The ARM series microprocessor is chosen because it is the widest used core in Europe. The circuitry to detect SEUs can be connected via existing de-bug interfaces available to designers on the ARM 9 core and ARM Module Bus Architecture. This circuitry in itself will have to be made fault resistant and will co-operate with the Operating System to provide an Application Programming Interface that can restore and re-execute code when an SEU occurs in the system. This approach is necessary because the best ARM cores are ‘hard’ macros inserted into device designs at GDSII that are not open to internal modifications and are unavailable in hardened process libraries. Open source OS and C compilers will be used in the project but the techniques and the IP block API will be suitable for transfer to proprietary software later.
The SRAM will be formed using an SRAM compiler to output an embedded memory core (ESRAM) with higher bit density than is produced with logic gates. Error Correction Circuit logic, which in itself must be fault resistant, will monitor the SRAM in the background and restore any bit patterns that are corrupted by a SEU. The ESRAM ECC logic will be under control of the FARM IP, which will also monitor fault correction activity to determine fault probability.
The tolerant process library can be developed to provide a range of transistors, gates and other functions wherein unusual physical topologies are employed for total ionising dose tolerance. This library will be used to develop ICs for applications in radiation environments such as commercial satellites. It may be combined with an ARM core, the FARM IP and FARM ESRAM to build fault tolerant SoCs. Thereafter it can be applied to other logic or mixed-signal circuits. The library will be characterised and models for the most common commercial simulation, synthesis and layout tools will be produced.

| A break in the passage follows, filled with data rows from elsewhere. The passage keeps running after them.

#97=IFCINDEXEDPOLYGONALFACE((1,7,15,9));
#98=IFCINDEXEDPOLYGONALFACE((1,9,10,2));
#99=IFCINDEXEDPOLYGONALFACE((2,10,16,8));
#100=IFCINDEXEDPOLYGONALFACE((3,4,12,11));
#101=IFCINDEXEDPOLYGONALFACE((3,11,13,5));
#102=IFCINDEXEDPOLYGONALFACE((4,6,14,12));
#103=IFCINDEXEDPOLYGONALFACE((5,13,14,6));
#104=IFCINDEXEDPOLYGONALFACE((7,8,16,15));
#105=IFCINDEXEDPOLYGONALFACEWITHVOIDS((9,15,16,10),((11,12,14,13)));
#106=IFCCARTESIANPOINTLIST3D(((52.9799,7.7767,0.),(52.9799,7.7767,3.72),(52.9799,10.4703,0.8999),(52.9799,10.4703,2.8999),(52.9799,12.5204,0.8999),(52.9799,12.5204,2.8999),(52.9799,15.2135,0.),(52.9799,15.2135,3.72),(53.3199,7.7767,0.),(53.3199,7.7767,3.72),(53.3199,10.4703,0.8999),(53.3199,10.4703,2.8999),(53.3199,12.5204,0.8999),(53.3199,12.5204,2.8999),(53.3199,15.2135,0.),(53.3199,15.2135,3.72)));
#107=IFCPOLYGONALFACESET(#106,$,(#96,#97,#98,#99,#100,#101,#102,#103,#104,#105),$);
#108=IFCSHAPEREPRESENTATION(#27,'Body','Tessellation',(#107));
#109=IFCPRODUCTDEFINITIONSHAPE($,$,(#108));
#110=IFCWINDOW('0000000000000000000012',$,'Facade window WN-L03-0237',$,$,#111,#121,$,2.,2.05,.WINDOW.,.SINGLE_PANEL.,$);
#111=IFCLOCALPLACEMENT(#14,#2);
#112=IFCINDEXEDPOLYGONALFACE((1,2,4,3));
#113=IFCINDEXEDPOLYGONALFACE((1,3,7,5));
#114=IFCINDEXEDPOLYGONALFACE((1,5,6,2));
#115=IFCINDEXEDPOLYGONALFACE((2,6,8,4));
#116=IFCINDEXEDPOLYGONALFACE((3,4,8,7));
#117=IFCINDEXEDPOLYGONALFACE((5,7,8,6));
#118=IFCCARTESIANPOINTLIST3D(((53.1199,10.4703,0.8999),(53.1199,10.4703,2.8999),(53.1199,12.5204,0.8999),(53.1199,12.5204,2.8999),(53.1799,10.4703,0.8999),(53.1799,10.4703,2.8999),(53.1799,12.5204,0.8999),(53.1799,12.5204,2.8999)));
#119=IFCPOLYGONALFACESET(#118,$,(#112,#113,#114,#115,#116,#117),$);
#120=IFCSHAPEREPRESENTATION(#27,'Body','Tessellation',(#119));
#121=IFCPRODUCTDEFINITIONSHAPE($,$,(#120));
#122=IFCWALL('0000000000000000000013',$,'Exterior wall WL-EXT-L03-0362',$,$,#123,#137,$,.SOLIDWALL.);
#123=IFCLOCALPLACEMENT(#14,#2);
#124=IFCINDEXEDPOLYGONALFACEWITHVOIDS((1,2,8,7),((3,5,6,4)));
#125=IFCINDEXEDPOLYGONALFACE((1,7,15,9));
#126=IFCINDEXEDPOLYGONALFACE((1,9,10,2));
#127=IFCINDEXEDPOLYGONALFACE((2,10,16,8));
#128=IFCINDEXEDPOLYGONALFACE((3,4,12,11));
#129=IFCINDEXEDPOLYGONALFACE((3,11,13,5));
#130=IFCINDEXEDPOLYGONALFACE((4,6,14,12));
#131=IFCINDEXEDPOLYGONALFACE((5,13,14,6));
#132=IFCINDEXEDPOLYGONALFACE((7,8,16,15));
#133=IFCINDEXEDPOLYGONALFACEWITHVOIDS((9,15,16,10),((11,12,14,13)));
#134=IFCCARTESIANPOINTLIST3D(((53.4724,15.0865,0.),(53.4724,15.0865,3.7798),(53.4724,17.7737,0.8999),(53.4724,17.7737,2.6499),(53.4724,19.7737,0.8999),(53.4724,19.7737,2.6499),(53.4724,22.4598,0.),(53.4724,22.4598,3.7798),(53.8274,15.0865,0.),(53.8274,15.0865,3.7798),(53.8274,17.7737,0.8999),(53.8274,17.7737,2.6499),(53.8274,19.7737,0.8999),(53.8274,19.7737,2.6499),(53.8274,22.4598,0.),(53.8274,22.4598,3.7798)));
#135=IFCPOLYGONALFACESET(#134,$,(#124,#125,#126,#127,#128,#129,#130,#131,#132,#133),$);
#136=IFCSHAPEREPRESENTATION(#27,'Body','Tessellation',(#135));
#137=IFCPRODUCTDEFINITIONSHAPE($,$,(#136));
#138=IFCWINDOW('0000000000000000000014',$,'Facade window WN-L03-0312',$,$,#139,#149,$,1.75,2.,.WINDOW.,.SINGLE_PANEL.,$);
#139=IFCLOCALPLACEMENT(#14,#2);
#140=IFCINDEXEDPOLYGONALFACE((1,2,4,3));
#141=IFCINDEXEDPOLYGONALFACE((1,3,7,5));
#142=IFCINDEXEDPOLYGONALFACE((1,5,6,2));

The FARM project will combine all of these techniques to produce an SoC that is demonstrably fault resistant and tolerant. In addition, a second SoC developed using the ‘tolerant’ library will be tailored to radiation environments, where the higher risk of SEUs is coupled to the need for ionising radiation tolerance. The results will be made available to customers wishing to design and apply such devices in the future. In this way FARM will develop understanding and solutions for SER/SEU issues that confront an increasing number of DSM SoC designs in the future.